Announcement

Collapse
No announcement yet.
X
  • Filter
  • Time
  • Show
Clear All
new posts

  • How to loop using date

    Hi everyone,

    I have a dataset like this,

    Code:
    * Example generated by -dataex-. To install: ssc install dataex
    clear
    input str1 district str9 dates float(district_lat district_lon) byte population
    "a" "2021/10/1" 22.248306 114.15244 10
    "a" "2021/10/2" 22.248306 114.15244 20
    "a" "2021/10/3" 22.248306 114.15244 30
    "a" "2021/10/4" 22.248306 114.15244 40
    "b" "2021/10/1" 22.279636  114.1655 10
    "b" "2021/10/2" 22.279636  114.1655 20
    "b" "2021/10/3" 22.279636  114.1655 30
    "b" "2021/10/4" 22.279636  114.1655 40
    "b" "2021/10/5" 22.279636  114.1655 50
    "c" "2021/10/1"  22.24186 114.15285 10
    "c" "2021/10/2"  22.24186 114.15285 20
    "d" "2021/10/1"  22.28582  114.1998 30
    "e" "2021/10/1"  22.28598  114.1915 20
    "e" "2021/10/2"  22.28598  114.1915 30
    "f" "2021/10/1"  22.27999  114.1588 60
    "g" "2021/10/2"  22.26781 114.23608 50
    "h" "2021/10/2" 22.335806  114.1495 40
    "i" "2021/10/4"  22.33608 114.20561 30
    end
    I have several different locations and I want to calculate the daily weighted population density for each location i.
    First, I calculate the distance between i and j and generate d_ij
    Second, I check if the distance between i and j (d_ij) is smaller than 1km
    Third, if the distance between i and j (d_ij) is smaller than 1km, I calculate the inverse of the distance times the population density in location j, generate density=(1/d_ij)*populationj
    Fourth, for location i, I sum up all the densities generated.
    Fifth, the population of a location is changing each day and I need to do the calculation for location i in each day.
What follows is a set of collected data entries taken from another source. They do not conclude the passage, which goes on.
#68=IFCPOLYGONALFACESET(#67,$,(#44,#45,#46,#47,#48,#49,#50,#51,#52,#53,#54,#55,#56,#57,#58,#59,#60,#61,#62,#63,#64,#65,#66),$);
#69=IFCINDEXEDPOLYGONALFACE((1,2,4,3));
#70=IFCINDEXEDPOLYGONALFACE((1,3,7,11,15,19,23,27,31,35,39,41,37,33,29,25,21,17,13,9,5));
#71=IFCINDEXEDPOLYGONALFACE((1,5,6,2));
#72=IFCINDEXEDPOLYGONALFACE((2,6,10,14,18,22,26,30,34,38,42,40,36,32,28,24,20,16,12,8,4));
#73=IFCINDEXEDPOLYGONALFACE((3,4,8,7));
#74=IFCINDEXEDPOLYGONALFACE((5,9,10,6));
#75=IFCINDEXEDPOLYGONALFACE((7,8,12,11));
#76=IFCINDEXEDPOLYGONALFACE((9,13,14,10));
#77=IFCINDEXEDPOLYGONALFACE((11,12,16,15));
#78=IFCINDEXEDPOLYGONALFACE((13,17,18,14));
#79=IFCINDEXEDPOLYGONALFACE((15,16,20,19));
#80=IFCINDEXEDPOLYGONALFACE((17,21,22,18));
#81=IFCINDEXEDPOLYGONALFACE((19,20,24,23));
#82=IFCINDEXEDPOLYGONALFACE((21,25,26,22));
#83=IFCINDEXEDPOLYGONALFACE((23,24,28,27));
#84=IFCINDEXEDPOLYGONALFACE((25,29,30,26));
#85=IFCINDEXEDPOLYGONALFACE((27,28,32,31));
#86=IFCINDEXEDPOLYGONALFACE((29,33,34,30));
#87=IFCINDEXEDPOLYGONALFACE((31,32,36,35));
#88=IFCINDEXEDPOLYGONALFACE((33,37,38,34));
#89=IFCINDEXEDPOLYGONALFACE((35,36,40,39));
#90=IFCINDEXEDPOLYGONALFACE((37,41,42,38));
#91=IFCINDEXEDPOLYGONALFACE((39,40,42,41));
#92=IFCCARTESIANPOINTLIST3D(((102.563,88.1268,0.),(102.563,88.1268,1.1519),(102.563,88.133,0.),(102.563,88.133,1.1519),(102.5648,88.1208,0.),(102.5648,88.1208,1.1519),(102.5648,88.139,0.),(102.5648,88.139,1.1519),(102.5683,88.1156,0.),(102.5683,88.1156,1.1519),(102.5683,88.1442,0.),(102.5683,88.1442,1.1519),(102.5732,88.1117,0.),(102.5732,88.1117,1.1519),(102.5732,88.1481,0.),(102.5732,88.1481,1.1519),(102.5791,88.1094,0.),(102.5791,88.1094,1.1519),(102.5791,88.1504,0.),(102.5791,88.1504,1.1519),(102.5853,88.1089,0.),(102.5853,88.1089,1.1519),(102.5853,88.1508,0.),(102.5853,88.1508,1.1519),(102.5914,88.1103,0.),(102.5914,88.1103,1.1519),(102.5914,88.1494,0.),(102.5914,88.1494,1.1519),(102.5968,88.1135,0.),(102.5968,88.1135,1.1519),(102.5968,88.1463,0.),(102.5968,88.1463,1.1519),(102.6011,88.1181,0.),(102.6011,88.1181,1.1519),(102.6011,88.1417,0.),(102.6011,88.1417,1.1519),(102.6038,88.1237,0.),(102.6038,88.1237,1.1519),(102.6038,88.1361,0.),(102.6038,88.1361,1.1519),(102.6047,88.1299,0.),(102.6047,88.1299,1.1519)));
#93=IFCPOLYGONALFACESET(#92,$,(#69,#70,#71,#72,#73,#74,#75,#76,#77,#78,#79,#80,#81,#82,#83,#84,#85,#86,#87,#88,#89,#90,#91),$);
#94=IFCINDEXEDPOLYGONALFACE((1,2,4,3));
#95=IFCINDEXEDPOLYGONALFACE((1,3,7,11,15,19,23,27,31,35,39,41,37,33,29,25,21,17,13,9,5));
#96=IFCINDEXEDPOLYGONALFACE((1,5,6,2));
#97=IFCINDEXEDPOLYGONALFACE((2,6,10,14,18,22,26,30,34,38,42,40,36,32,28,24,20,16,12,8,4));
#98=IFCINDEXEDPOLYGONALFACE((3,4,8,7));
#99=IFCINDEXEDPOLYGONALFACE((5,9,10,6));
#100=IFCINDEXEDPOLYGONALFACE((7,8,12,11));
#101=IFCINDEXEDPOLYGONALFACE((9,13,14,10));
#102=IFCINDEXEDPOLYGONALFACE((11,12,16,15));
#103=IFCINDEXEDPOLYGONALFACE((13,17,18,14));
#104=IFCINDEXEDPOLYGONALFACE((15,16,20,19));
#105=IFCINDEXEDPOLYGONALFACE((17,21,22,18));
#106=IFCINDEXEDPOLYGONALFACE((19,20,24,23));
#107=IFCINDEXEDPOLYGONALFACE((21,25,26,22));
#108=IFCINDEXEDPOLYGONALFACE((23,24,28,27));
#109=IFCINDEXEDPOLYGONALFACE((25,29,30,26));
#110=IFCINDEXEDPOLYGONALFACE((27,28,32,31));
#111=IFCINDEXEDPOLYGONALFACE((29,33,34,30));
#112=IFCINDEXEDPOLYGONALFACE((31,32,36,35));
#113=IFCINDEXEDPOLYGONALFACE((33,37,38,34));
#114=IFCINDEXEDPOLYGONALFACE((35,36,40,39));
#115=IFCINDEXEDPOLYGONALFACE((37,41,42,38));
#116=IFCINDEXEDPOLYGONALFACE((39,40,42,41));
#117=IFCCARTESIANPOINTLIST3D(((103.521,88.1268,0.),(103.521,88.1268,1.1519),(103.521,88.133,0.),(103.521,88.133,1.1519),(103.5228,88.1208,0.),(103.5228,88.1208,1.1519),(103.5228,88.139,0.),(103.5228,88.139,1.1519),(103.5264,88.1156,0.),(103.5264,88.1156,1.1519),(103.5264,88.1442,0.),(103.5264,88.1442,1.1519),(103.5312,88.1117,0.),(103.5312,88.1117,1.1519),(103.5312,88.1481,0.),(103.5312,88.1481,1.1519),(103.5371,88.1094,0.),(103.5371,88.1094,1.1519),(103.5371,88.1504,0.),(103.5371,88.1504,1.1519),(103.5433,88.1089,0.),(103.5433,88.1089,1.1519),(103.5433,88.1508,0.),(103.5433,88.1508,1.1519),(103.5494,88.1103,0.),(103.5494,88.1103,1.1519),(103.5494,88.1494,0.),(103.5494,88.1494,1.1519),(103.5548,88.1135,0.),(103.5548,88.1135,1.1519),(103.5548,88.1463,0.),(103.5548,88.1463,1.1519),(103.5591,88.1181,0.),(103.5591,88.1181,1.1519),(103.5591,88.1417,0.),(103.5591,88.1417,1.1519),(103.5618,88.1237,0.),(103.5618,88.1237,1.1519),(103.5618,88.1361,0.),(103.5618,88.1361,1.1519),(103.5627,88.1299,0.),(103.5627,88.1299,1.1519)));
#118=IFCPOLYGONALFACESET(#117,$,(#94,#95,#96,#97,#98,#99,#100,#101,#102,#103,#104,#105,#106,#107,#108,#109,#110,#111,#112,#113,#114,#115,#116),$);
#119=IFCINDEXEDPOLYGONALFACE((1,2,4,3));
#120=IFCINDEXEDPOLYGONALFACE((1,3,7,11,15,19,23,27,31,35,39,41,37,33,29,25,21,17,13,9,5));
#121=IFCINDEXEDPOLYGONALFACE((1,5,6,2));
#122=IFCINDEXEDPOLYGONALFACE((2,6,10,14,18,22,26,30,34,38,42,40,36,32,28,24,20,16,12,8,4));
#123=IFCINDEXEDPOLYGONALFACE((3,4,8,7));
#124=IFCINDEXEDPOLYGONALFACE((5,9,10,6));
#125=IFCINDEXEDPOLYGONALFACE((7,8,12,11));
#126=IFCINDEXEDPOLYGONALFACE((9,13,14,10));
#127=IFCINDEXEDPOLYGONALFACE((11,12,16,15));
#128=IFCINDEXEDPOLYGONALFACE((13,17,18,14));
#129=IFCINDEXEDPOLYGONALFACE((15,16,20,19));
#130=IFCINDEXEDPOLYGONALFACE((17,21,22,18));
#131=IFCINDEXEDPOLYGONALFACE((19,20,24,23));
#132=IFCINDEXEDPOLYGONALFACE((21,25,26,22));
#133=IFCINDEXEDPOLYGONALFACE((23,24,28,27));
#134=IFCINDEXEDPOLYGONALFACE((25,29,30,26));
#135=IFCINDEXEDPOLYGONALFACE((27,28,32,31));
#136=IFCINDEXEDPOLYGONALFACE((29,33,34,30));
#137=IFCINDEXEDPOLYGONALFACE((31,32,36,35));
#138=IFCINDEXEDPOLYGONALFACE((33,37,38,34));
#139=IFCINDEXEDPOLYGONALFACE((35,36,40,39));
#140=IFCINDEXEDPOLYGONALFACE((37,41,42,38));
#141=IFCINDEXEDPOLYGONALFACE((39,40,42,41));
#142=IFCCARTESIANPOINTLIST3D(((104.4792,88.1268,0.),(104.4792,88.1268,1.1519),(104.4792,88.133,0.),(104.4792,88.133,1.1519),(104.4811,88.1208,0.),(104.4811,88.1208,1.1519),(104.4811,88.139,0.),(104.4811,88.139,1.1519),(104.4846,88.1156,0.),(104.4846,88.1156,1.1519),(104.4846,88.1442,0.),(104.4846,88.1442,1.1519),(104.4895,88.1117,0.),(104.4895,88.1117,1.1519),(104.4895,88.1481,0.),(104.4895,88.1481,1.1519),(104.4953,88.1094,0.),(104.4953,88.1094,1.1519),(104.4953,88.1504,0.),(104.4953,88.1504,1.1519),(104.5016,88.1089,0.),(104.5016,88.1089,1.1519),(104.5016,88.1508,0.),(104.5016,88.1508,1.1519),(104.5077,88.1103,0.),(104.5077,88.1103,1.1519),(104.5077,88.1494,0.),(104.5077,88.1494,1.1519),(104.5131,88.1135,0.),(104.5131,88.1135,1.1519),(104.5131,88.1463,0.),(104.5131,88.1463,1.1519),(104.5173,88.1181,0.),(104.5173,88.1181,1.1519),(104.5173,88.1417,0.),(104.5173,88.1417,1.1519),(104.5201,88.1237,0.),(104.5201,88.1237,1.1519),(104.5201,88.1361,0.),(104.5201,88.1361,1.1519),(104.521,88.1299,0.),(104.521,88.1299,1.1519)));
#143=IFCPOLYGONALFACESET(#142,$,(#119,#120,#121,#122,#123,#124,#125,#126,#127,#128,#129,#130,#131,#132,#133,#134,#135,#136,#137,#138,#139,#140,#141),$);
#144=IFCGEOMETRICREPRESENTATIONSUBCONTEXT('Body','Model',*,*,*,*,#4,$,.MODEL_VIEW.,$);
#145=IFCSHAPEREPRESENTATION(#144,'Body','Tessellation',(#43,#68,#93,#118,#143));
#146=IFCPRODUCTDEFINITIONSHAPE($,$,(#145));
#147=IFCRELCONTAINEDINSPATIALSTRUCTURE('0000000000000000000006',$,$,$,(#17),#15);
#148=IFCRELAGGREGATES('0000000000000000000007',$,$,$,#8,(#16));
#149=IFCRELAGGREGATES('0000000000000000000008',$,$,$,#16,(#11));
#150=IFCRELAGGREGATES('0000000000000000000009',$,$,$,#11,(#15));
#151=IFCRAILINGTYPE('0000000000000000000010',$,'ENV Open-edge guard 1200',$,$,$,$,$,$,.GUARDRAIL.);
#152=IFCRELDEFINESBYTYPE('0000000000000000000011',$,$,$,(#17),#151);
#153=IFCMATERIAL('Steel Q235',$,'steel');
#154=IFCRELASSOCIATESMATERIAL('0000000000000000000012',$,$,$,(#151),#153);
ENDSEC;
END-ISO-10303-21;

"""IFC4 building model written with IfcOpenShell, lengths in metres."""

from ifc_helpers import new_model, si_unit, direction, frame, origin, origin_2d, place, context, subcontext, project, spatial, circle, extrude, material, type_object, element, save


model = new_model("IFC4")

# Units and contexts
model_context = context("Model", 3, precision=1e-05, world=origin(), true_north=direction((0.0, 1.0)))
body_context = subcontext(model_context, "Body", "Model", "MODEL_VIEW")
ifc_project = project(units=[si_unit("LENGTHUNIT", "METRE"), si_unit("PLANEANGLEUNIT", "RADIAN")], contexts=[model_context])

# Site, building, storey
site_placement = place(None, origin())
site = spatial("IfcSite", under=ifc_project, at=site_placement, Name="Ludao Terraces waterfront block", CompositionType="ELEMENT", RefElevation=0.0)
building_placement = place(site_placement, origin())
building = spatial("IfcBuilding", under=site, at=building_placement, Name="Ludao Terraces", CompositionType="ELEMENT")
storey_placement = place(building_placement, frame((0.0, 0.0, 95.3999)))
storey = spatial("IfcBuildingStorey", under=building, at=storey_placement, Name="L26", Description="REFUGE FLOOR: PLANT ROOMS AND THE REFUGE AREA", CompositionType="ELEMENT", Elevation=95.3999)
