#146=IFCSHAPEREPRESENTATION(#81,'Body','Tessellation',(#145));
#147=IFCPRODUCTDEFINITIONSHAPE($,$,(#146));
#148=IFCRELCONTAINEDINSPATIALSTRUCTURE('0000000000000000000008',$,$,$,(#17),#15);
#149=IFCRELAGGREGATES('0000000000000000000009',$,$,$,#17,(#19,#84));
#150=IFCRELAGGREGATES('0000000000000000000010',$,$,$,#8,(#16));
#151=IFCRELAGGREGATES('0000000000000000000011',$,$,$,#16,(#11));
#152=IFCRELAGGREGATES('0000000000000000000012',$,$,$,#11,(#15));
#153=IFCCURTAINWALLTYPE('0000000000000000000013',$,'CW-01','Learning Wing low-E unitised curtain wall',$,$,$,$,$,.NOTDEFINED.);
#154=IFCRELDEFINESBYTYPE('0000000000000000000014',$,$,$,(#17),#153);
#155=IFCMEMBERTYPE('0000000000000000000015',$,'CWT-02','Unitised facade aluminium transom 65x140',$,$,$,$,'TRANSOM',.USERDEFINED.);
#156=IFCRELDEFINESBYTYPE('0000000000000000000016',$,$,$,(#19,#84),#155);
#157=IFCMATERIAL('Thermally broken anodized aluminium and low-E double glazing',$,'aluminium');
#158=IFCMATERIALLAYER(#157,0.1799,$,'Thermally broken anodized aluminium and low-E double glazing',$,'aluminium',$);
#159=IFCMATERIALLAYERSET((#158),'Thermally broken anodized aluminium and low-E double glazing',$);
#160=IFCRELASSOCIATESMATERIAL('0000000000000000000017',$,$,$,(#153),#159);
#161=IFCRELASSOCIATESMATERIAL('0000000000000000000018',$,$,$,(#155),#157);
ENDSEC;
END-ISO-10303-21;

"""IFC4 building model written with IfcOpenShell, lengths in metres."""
    I have a code that looks like this
    forval i = 1/`=_N' {
    local olat = latitude[`i']
    local olong = longitude[`i']
    local pop=population[`i']
    geodist latitude longitude `olat' `olong', gen(dist`i')
    replace dist`i'=. if dist`i'>1
    replace dist`i'=0.1 if dist`i'<0.1
    replace dist`i'=1/dist`i'*`pop' if dist`i'<1
    }
    but the loop can't give me exactly what I want and I can't add the date element in this. I wonder if you know how to add the date element into the loop?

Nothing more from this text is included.